Hannah Johnson
Dr. Franssen
BIO 121-50
9 October 2015
Sugar and Salt Effect on Photosynthesis
Introduction
Climate change has been affecting the rate of photosynthesis causing plants to underperform or go extinct. As the climate increases the availability of water becomes a pressing issue for many plant species. Water is one of the most influential factors when talking about photosynthesis because the energy the plants receive from the sun excite the electrons that come from splitting water molecules. The energy from these excited electrons produce ATP, which then uses more water and carbon dioxide to create carbohydrates to proceed with photosynthesis (Zheng).
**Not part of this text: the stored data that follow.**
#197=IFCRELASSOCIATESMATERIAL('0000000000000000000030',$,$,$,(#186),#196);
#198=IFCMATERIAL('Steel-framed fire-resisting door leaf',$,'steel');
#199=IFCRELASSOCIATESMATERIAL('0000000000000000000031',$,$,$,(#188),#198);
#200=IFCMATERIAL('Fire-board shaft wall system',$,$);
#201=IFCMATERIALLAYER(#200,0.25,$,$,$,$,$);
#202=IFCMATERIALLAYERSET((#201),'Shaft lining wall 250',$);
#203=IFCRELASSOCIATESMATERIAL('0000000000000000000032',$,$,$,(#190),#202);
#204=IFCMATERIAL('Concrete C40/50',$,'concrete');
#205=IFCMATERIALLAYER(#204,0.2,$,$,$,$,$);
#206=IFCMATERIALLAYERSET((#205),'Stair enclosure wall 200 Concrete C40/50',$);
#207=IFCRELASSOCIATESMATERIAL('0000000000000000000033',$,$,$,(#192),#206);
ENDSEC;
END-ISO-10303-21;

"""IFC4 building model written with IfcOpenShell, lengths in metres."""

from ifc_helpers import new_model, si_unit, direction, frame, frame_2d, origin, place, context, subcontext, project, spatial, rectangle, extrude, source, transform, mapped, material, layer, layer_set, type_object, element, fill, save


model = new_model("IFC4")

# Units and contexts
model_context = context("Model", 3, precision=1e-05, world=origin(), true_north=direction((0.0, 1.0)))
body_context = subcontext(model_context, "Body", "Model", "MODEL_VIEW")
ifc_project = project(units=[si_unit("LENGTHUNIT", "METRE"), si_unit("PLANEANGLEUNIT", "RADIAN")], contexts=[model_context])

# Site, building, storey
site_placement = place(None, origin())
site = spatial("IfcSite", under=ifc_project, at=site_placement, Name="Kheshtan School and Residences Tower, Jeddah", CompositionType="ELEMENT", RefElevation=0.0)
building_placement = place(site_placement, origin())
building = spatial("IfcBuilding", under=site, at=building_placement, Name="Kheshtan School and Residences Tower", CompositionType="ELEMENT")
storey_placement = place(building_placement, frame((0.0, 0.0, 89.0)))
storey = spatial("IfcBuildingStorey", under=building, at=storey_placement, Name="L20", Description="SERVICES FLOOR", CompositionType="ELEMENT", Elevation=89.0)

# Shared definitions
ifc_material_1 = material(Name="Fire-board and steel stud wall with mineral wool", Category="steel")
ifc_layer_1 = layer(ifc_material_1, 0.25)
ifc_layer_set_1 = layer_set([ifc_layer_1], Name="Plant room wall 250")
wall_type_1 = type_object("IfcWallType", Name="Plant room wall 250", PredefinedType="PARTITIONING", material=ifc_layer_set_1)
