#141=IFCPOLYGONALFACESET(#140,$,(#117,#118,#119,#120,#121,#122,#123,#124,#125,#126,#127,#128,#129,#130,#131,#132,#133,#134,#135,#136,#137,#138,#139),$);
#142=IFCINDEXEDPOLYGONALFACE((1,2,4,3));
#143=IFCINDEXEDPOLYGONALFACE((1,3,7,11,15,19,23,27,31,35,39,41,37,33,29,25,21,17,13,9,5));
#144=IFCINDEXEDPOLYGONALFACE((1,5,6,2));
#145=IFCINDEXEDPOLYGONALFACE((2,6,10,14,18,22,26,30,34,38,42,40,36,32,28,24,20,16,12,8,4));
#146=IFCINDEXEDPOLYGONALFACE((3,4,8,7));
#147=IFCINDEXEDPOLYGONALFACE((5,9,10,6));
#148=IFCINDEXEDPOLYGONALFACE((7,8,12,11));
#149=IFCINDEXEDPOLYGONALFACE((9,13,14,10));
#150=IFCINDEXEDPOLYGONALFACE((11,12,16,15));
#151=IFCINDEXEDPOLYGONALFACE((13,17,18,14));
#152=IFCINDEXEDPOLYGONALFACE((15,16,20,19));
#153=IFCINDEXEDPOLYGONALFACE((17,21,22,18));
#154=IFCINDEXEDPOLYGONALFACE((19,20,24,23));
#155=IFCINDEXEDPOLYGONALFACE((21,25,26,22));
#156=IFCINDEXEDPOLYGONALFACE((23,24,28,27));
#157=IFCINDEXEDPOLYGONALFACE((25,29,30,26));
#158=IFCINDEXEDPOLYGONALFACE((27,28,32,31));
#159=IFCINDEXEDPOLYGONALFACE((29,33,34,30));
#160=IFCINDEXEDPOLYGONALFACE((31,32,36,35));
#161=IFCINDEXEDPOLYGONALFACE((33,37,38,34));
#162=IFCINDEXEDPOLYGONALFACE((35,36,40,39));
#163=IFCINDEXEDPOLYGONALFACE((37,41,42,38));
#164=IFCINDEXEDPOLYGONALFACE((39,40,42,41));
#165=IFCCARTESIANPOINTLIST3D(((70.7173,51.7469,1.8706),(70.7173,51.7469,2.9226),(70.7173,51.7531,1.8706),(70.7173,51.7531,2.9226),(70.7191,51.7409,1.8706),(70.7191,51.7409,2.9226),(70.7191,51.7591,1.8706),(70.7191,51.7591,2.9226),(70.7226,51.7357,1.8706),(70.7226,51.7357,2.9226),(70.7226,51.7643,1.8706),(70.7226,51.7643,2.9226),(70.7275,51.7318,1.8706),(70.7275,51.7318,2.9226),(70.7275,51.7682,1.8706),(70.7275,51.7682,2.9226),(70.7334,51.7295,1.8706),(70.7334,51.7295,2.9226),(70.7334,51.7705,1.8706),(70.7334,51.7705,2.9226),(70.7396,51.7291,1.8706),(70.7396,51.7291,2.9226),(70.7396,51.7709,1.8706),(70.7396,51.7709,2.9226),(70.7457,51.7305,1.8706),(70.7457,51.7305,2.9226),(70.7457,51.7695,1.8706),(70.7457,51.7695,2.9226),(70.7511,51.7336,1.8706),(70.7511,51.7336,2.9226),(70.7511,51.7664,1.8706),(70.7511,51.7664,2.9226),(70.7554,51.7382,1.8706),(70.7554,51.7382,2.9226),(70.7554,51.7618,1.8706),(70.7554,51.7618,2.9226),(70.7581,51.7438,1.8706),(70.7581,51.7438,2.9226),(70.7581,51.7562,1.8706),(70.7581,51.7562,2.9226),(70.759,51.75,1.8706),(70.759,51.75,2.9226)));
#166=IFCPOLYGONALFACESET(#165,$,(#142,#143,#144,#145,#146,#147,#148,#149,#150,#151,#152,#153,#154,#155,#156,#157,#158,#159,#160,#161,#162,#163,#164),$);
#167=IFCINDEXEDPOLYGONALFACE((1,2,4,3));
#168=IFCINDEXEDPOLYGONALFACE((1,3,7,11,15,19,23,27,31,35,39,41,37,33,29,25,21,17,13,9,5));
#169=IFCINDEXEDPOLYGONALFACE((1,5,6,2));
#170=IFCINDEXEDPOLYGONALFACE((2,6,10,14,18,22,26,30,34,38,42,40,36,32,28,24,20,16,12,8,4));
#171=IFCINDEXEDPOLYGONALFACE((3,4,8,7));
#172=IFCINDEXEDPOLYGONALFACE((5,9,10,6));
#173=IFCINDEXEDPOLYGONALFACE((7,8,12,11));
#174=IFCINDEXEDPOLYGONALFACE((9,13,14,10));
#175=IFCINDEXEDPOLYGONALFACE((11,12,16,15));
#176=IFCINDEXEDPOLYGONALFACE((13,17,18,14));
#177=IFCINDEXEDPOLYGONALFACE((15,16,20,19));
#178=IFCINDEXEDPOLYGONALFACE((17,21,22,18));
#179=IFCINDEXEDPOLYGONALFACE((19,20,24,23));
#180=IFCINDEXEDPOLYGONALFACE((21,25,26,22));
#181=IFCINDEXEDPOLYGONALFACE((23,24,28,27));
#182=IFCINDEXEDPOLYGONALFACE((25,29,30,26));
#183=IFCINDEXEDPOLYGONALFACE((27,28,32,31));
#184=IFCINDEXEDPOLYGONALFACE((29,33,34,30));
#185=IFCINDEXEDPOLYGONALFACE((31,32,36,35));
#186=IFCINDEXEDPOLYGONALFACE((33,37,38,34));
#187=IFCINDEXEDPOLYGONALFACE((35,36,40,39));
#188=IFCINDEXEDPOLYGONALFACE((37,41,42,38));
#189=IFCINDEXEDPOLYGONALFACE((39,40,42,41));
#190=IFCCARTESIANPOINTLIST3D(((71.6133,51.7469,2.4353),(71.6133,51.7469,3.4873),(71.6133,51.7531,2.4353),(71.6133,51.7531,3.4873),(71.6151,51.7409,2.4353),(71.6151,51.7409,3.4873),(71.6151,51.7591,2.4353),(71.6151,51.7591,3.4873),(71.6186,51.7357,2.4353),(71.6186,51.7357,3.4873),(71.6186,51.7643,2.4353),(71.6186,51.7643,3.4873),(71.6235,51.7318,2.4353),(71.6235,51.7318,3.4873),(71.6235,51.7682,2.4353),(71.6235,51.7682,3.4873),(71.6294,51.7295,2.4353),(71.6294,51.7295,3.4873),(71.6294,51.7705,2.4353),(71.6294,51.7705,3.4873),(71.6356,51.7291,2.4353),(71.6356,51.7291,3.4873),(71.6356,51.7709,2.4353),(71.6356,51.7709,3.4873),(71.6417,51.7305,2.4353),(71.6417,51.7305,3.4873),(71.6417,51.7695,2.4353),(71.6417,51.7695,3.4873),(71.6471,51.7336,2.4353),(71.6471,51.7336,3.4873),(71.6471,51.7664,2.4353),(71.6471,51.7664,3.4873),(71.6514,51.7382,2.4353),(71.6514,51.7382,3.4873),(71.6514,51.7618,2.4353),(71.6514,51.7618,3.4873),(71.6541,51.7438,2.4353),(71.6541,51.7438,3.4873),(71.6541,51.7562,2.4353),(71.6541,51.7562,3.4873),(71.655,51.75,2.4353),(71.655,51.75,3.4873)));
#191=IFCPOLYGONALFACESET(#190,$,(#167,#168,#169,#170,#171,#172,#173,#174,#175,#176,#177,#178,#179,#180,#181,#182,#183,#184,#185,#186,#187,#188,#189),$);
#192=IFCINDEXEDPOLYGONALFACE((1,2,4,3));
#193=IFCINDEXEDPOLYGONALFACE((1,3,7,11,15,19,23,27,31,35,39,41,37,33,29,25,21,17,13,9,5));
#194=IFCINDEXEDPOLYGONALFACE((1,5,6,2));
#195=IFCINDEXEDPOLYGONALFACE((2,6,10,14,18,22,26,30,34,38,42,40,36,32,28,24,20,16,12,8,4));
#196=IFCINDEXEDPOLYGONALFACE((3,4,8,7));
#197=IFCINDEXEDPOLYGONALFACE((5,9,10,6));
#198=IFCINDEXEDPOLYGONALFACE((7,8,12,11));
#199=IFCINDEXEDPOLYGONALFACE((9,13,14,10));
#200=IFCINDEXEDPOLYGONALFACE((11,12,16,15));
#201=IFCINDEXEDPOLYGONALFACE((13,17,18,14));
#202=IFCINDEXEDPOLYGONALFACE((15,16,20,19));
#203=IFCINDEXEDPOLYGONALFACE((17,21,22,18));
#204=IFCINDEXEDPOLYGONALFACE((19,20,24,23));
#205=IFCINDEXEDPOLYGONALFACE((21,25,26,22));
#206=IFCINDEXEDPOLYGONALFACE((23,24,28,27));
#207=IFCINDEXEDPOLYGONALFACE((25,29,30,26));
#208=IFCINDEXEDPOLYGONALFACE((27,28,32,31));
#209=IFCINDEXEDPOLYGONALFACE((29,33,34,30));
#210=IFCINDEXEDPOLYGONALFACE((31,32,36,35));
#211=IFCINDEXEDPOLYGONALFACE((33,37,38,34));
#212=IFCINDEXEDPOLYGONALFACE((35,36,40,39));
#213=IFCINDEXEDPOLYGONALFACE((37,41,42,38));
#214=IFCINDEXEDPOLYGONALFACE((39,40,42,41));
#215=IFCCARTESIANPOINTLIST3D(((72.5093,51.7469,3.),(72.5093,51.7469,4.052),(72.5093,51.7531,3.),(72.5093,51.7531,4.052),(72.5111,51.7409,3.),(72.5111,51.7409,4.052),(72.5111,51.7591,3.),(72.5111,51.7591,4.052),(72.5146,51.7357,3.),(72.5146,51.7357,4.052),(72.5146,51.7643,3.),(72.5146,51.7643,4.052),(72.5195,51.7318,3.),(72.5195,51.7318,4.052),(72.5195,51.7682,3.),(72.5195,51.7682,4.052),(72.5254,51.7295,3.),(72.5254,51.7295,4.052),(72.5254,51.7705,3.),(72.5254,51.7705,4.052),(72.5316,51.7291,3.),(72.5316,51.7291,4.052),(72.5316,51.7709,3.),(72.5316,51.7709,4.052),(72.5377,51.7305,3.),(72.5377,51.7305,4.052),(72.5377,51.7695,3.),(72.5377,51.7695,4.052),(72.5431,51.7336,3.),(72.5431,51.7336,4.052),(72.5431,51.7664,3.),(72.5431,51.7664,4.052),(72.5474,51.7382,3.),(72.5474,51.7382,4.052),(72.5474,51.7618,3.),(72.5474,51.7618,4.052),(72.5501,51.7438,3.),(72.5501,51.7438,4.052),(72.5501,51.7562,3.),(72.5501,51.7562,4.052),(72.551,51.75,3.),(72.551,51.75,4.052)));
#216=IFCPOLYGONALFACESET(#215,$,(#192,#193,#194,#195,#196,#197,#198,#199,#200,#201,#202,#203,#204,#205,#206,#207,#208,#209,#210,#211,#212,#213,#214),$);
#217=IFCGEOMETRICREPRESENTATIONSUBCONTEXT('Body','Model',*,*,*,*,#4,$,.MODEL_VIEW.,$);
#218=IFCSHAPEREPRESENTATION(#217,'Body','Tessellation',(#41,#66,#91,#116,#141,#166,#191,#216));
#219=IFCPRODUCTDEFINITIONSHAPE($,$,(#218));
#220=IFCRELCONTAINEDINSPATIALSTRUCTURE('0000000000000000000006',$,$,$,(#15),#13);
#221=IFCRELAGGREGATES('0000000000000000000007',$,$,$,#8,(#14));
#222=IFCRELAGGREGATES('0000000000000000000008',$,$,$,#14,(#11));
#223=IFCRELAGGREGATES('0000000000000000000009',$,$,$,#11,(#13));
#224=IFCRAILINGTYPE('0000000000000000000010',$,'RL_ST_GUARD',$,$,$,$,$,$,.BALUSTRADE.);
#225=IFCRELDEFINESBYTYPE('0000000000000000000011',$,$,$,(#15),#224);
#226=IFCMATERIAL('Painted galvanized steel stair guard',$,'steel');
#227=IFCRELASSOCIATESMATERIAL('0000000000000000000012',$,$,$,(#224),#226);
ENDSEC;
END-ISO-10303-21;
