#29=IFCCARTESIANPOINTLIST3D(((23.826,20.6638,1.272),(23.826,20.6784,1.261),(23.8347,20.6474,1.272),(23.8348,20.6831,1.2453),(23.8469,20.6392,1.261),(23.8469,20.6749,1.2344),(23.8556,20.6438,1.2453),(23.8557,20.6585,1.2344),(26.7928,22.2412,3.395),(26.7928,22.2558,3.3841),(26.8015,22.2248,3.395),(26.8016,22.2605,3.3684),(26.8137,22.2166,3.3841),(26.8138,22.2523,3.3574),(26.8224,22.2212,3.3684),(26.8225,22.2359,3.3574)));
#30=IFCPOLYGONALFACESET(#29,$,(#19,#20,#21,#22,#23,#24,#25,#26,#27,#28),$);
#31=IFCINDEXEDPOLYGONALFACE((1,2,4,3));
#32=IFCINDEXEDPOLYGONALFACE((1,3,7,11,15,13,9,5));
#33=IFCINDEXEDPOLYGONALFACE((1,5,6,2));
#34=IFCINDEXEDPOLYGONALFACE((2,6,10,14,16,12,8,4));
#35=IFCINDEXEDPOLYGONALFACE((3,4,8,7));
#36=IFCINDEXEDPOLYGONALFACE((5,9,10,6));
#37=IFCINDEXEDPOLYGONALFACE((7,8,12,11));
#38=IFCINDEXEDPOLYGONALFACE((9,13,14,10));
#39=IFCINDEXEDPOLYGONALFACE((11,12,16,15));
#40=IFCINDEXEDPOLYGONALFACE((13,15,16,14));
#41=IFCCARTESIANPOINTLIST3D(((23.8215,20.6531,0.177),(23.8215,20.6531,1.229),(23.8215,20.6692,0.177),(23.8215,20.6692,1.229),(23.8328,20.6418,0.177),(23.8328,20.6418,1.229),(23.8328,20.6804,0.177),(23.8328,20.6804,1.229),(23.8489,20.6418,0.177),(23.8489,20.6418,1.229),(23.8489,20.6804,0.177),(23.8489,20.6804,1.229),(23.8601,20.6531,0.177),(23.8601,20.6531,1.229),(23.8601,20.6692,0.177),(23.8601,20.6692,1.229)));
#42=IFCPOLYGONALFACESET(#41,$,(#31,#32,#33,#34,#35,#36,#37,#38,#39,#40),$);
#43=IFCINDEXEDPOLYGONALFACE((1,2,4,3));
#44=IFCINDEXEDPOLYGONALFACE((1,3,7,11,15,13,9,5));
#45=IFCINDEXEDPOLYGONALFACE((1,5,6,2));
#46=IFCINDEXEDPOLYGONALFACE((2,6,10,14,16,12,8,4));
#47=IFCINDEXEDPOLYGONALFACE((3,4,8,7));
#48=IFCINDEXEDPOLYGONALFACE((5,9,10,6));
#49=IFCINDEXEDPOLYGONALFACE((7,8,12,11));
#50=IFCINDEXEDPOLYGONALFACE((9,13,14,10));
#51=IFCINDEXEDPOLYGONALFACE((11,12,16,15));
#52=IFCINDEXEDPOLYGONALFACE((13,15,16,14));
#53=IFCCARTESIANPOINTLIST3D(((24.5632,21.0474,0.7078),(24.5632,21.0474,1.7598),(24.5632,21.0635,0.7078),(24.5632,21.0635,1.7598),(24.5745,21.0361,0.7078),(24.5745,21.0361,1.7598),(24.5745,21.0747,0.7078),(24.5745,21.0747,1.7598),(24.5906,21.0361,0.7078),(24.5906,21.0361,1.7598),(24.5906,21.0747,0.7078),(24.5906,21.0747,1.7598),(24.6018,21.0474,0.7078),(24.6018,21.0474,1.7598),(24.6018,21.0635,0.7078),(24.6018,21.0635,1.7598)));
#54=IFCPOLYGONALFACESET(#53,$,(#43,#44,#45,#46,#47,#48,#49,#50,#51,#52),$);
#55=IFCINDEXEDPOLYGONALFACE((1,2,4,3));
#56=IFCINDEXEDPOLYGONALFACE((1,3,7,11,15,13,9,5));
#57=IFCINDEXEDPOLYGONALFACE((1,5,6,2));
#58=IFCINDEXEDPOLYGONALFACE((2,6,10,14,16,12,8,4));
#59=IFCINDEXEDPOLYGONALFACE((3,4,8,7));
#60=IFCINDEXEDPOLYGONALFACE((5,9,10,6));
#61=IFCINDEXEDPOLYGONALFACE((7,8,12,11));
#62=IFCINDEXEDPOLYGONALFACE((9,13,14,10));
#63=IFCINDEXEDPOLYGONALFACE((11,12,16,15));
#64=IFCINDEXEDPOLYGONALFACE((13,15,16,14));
Another concern is that soil salinity is also affecting how plants perform photosynthesis. While the temperature increases, the availability of water decreases causing the salinity levels to increase as well. Whether or not the plants will photosynthesize in conditions with high salinity is a growing question. Salt and droughts are affecting plants more now than they used to, making scientists experiment different variables that will aid or decrease the rate of photosynthesis. Studies have shown that high levels of salt stresses the plants to the point where it affects their photosynthetic metabolism and these plants respond to these factors rapidly changing their gene expression to adapt. The stress also causes plants to store water in their vacuoles due to drought and high salinity. A recent study has shown that both of these stressors, drought and salinity, led to the plant’s photosynthetic gene count to decrease. It also showed that the stress of salt dehydrated the plants and caused an osmotic stress across the membranes (Chaves).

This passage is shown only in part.